Part 1: Overview of Induction Part 2: How Induction Relates to Computer Science Part 3: Induction in CMPT 225 Part 3: Mathematical Induction in CMPT 225

Priority Queues

A priority queue is like a regular queue in that it is a collection of keys which you may insert and remove, except that each key has a priority number associated with it: the lower the number, the higher the priority. The key with the highest priority is the next key to be removed.

If you're having a tough time envisioning what's happening here, think of the following examples.

  • Your chores list. Chores seem to be the work that never ends: when you finish a chore, you'll have to do it again a day or a week or a month from now. And certainly some chores are more palatable than others. Perhaps you prefer vacuuming the carpets, cleaning the toilets and washing the car, versus hanging the laundry, washing the dishes or ironing your shirts. If you are like most people, your tendency would be to pick first the chore(s) you prefer the most, therefore, the priority queue of chores is ordered starting from the chore which is the least unpalatable.

  • Your “To do” list. This is much like the first example, but extended to all the activities in your life. But unlike the first example, the queue is unlikely to ever be empty because, for most people, there aren't enough hours in the day to get done everything that they would like. So they prioritize, and defer the items of lowest priority.
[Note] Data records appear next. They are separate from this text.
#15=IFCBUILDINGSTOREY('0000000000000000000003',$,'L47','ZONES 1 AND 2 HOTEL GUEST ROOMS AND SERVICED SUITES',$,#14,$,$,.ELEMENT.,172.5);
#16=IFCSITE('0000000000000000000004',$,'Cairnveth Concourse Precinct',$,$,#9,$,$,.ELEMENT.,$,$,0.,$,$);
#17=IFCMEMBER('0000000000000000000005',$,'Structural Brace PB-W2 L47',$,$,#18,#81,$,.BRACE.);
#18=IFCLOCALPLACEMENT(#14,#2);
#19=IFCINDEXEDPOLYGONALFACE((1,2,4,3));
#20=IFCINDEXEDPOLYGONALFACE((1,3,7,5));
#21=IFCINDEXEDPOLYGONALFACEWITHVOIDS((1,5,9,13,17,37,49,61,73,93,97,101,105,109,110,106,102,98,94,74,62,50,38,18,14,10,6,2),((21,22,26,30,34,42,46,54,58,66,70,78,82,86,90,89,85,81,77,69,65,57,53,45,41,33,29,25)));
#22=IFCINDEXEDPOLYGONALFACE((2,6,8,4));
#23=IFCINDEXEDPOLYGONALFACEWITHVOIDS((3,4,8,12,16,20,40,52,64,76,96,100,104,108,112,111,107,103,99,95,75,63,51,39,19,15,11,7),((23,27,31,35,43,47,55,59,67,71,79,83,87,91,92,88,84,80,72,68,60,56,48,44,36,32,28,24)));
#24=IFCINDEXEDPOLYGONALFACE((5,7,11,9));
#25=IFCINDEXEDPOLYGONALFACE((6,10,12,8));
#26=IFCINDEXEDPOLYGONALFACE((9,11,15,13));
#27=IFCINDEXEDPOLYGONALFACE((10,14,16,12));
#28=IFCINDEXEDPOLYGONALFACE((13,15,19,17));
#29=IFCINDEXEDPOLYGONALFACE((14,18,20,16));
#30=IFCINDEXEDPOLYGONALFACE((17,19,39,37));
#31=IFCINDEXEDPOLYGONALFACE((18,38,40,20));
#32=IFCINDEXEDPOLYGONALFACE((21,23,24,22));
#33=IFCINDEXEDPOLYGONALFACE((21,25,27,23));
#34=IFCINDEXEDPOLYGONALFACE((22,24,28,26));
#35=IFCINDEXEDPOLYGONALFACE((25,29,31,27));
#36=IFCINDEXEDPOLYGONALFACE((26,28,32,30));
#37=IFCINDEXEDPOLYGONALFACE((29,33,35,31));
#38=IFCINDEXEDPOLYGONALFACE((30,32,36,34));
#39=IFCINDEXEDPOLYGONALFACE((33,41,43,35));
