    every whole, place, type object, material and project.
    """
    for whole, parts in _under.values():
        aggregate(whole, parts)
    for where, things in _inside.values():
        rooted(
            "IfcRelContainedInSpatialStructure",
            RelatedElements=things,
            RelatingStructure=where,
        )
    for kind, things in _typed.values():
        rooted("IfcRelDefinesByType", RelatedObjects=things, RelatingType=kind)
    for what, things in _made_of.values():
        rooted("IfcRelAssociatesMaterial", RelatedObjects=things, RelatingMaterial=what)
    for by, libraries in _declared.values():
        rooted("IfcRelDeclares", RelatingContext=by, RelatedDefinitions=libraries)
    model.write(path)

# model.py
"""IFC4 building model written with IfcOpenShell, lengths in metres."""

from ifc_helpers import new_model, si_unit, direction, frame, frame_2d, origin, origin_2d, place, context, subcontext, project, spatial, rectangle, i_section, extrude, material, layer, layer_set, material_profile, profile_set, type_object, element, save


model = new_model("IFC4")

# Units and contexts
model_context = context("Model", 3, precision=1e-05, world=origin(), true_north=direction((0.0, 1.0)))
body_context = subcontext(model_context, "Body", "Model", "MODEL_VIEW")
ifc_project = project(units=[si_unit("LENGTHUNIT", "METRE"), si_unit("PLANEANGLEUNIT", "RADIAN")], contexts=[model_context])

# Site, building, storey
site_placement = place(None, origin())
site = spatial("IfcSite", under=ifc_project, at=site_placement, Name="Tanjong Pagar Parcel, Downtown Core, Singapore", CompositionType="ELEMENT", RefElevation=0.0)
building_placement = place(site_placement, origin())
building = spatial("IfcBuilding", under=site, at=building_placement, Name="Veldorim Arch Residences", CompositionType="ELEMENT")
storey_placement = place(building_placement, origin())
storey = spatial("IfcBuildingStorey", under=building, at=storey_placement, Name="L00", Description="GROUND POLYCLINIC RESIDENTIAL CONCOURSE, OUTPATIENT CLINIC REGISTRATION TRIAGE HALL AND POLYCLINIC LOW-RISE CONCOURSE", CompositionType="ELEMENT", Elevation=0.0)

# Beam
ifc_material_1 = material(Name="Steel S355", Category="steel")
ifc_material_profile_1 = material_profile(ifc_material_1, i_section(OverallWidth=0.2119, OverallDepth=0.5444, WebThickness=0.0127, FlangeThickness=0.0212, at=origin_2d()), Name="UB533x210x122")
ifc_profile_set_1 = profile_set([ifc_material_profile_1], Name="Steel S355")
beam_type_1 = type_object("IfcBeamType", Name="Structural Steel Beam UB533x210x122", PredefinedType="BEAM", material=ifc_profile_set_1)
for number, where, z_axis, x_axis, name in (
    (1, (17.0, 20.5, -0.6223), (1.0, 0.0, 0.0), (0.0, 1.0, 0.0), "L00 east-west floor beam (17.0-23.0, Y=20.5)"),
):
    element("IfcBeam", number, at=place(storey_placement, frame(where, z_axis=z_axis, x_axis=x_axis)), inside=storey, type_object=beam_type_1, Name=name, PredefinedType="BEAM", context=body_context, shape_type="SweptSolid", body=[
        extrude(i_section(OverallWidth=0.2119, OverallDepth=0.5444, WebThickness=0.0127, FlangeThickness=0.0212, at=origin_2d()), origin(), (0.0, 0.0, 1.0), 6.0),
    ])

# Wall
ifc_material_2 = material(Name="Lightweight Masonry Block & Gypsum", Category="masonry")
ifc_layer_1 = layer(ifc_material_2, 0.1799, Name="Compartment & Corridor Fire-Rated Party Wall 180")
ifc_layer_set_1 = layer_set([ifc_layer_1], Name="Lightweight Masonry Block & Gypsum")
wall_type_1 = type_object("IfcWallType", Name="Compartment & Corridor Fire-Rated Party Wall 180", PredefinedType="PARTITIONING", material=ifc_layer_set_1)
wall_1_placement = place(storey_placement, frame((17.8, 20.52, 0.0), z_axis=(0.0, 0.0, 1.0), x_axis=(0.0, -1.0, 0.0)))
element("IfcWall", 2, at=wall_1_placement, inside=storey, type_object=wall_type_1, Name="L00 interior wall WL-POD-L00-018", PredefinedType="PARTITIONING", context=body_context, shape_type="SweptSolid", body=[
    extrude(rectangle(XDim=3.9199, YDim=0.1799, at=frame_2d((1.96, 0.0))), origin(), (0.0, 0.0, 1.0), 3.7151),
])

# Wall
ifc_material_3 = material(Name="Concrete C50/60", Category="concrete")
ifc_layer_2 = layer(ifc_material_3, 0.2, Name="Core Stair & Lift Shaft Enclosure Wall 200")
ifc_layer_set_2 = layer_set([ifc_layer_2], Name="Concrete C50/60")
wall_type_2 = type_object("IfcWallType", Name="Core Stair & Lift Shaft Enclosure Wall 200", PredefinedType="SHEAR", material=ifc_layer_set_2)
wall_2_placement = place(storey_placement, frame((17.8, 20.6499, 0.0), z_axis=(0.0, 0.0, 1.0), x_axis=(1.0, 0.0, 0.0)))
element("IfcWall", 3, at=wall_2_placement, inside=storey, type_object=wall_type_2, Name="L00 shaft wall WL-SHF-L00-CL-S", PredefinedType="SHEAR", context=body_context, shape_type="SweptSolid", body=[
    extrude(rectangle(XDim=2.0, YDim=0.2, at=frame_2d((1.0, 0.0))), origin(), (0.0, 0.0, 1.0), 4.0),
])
  • People you want to date. I'll let you fill in the details on this one.

Case Study: Priority Queue Implementation Using an Array

Again, let n represent the current size, i.e., the number of keys the priority queue currently holds.

In all implementations, the keys will be contained within the first n array elements, i.e., A[0..n-1].

Again, there are two “obvious” approaches:

  1. Store the keys in the first n slots of the array,
    in reverse-sorted order.

  2. Store the keys in the first n slots of the array,
    in any order.

Once again, you should pause to think about how you would implement insert and remove using each of these data structures. Also consider the efficiency of each operation.

Once you have formed your answers, proceed to the implementation below.

Implementation 1: Keys are stored in reverse-sorted order

To insert is similar to the insert operation for a dynamic set using a sorted array: to keep the list in reverse order may require up to O(n) shifts. However, to remove the minimum would require no shifting (i.e., O(1)) because the minimum must be the last element of the array.

void insert(int key, int priority) {
  // shift all A[] < priority
  int j = len-1;
  while (j >= 0 && A[j].priority < priority) {
    A[j+1] = A[j];
  A[j+1] = Node(key, priority);

int remove() {
  return A[--len].key;

Implementation 2: Keys are stored in any order

In contrast with Implementation 1, this data structure has the opposite efficiency, i.e., there is a fast O(1) insert, but a slow O(n) remove. To insert, place the new key into the first unoccupied slot, just like for a dynamic set using an un-sorted array. To remove requires a linear search to locate the minimum.

void insert(int key, int priority) {
  A[len++] = Node(key, priority);

int remove() {
  // linear search for position of minimum
  int smallest = A[0].priority;
  int smallestpos = 0;
  for (int pos = 1; pos < len; pos++)
    if (A[pos].priority < smallest.priority) {
      smallest = A[pos].priority;
      smallestpos = pos;

  int ret = A[pos].key;
  A[pos] = A[--len];
  return ret;

Augmentation to Implementation 2: Indexing the minimum

Consider what would happen if your algorithm maintained the array index of the minimum. In other words, use a variable minpos such that A[minpos] is always the current minimum of the priority queue. How would that change insert and remove?

It would certainly make a lot of things easier. For starters, remove would no longer have to a O(n) linear search to locate the minimum.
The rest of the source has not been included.